The bots were designed to act like types of users. Some acted like Democrats, some acted like Republicans and some were neutral.

Over 27 weeks the researchers watched what political content was recommended on each account’s For You feed.

They wanted to see if TikTok’s algorithm treated perspectives equally or if some types of content were promoted more.

A Republican-Leaning Pattern

The results showed that the algorithm did not treat both sides equally. Republican accounts were shown 11.5% party-aligned content than Democratic accounts.

Democratic accounts were shown content that criticized Democratic politicians and policies. The study found that negative political content was very common on TikTok. Videos that attacked opponents were shown more often than videos that supported a political party.

Anti-Democratic content was the promoted type of political material.

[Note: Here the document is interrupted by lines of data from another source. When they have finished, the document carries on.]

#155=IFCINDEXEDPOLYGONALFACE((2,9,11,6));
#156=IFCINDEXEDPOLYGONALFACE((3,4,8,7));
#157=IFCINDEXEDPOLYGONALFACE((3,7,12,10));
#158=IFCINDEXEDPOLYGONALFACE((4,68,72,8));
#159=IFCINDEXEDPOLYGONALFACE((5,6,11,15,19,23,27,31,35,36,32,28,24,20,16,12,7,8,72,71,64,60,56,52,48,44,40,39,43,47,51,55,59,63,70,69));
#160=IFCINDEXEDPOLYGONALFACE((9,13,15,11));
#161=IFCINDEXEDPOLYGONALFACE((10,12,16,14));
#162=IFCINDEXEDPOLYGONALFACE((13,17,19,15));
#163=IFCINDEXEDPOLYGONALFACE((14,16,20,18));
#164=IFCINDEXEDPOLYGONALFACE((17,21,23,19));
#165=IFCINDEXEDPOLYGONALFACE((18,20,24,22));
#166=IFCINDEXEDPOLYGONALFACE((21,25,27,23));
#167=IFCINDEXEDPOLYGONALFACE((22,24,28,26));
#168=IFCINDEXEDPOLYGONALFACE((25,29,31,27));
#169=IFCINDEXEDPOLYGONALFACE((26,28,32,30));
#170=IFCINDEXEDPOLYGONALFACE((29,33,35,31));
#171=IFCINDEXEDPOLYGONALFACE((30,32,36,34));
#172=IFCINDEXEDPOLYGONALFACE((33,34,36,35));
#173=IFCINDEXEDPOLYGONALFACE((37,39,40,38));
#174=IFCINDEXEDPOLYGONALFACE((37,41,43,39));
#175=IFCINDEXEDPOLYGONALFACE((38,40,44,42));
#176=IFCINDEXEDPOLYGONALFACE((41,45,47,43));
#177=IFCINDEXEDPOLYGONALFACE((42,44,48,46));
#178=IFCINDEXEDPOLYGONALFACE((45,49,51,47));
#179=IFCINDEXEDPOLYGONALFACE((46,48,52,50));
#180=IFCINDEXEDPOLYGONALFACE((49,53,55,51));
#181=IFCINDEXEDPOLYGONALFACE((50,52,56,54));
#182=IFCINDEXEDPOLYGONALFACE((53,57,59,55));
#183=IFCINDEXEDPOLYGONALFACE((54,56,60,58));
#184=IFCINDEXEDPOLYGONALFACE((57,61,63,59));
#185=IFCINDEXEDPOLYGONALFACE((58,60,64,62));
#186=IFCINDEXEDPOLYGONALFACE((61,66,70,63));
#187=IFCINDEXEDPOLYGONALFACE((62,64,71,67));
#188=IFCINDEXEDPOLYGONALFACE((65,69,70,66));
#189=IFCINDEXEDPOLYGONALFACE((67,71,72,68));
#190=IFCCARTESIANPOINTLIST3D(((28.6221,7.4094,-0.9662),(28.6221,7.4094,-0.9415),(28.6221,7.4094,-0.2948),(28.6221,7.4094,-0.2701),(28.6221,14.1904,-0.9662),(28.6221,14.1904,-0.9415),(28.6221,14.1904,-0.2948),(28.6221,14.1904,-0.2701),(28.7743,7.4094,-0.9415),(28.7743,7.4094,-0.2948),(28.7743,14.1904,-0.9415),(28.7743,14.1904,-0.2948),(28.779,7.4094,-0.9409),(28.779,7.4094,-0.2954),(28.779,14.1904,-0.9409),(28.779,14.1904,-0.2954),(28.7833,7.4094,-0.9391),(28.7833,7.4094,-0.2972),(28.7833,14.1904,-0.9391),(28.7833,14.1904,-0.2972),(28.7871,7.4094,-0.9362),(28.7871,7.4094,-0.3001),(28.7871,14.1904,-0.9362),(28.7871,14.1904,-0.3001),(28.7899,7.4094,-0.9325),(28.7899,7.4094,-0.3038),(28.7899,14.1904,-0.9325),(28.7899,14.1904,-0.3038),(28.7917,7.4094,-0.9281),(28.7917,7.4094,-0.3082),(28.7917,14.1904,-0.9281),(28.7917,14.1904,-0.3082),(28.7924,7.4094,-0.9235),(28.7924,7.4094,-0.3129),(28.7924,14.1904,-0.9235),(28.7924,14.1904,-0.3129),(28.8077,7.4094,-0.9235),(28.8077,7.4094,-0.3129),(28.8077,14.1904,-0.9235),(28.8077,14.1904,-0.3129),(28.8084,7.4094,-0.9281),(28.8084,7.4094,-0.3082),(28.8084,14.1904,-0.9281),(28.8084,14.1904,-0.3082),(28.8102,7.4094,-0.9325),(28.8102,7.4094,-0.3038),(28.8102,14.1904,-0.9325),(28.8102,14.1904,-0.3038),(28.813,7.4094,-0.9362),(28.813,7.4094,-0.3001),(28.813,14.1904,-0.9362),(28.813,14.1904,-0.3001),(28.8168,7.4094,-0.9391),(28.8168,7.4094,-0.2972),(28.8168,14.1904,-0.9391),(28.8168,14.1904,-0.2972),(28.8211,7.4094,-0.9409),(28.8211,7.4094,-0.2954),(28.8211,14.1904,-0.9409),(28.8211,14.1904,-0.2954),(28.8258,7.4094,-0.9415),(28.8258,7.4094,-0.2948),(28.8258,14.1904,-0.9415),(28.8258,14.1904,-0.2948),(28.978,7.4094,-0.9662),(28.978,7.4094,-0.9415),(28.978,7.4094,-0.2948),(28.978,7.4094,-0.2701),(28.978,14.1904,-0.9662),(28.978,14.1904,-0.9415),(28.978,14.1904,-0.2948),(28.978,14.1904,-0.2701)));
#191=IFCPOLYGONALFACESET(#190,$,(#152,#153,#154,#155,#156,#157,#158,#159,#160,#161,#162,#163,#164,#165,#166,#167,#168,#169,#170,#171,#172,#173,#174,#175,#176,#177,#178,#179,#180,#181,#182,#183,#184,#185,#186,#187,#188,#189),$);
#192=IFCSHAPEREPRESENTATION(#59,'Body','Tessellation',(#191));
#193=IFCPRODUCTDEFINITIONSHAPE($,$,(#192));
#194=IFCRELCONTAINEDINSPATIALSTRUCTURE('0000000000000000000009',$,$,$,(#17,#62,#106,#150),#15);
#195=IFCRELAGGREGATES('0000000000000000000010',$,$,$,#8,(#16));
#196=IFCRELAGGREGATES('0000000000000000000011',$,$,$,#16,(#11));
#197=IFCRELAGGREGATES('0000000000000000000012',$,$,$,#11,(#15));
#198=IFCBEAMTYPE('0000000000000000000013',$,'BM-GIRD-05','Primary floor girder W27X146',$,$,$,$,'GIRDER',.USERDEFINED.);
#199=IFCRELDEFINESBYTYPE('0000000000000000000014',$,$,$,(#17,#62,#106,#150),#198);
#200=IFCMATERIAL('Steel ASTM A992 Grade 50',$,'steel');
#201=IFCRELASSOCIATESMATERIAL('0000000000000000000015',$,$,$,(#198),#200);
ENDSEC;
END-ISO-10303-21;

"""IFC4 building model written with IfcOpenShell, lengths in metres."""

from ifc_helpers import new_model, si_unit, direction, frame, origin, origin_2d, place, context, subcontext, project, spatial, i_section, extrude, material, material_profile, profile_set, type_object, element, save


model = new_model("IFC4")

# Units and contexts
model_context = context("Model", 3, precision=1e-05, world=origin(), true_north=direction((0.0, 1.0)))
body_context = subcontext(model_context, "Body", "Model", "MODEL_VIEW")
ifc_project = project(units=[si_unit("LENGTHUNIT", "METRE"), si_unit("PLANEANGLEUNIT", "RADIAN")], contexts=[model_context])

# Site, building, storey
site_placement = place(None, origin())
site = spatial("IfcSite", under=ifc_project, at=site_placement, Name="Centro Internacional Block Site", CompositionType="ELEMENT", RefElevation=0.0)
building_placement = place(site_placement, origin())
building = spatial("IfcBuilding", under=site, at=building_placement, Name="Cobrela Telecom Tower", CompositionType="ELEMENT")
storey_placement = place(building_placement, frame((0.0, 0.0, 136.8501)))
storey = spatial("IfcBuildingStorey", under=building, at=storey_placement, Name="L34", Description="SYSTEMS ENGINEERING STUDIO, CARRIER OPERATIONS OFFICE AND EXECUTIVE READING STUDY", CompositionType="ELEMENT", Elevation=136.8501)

The researchers said that the partisan imbalance was not about Republicans getting more positive content. It was about content that criticized Democrats.

User Experiences

The researchers also asked over 1,000 users about their experiences during the election. Republican users said they saw content that aligned with their beliefs. They also said they had a positive experience on TikTok.

Democratic users said they saw opposing viewpoints and critical content. The study says that recommendation systems can affect not what users see but also how they feel on a platform because social media algorithms influence attention and emotional engagement; small differences in recommendations can affect attitudes over time.

Questions About Algorithms

The study found evidence of skew but the researchers do not know why it happened. It could be because of TikToks algorithm rules or differences in user behavior or platform dynamics.

The researchers say that their findings do not prove that TikTok intentionally favored Republicans. They say that understanding how recommendation systems work is difficult.

TikToks algorithm is complex and always changing. Small changes can make differences in what users see.

Calls for Transparency

The researchers think that social media companies should be more transparent about their algorithms during elections. They recommend audits to monitor potential bias and understand how online platforms shape public debate.

As social media becomes a source of news and political information questions about algorithmic fairness will become more important.

The study highlights an issue: recommendation systems are not just for entertainment. They influence political understanding, public trust and democratic discourse.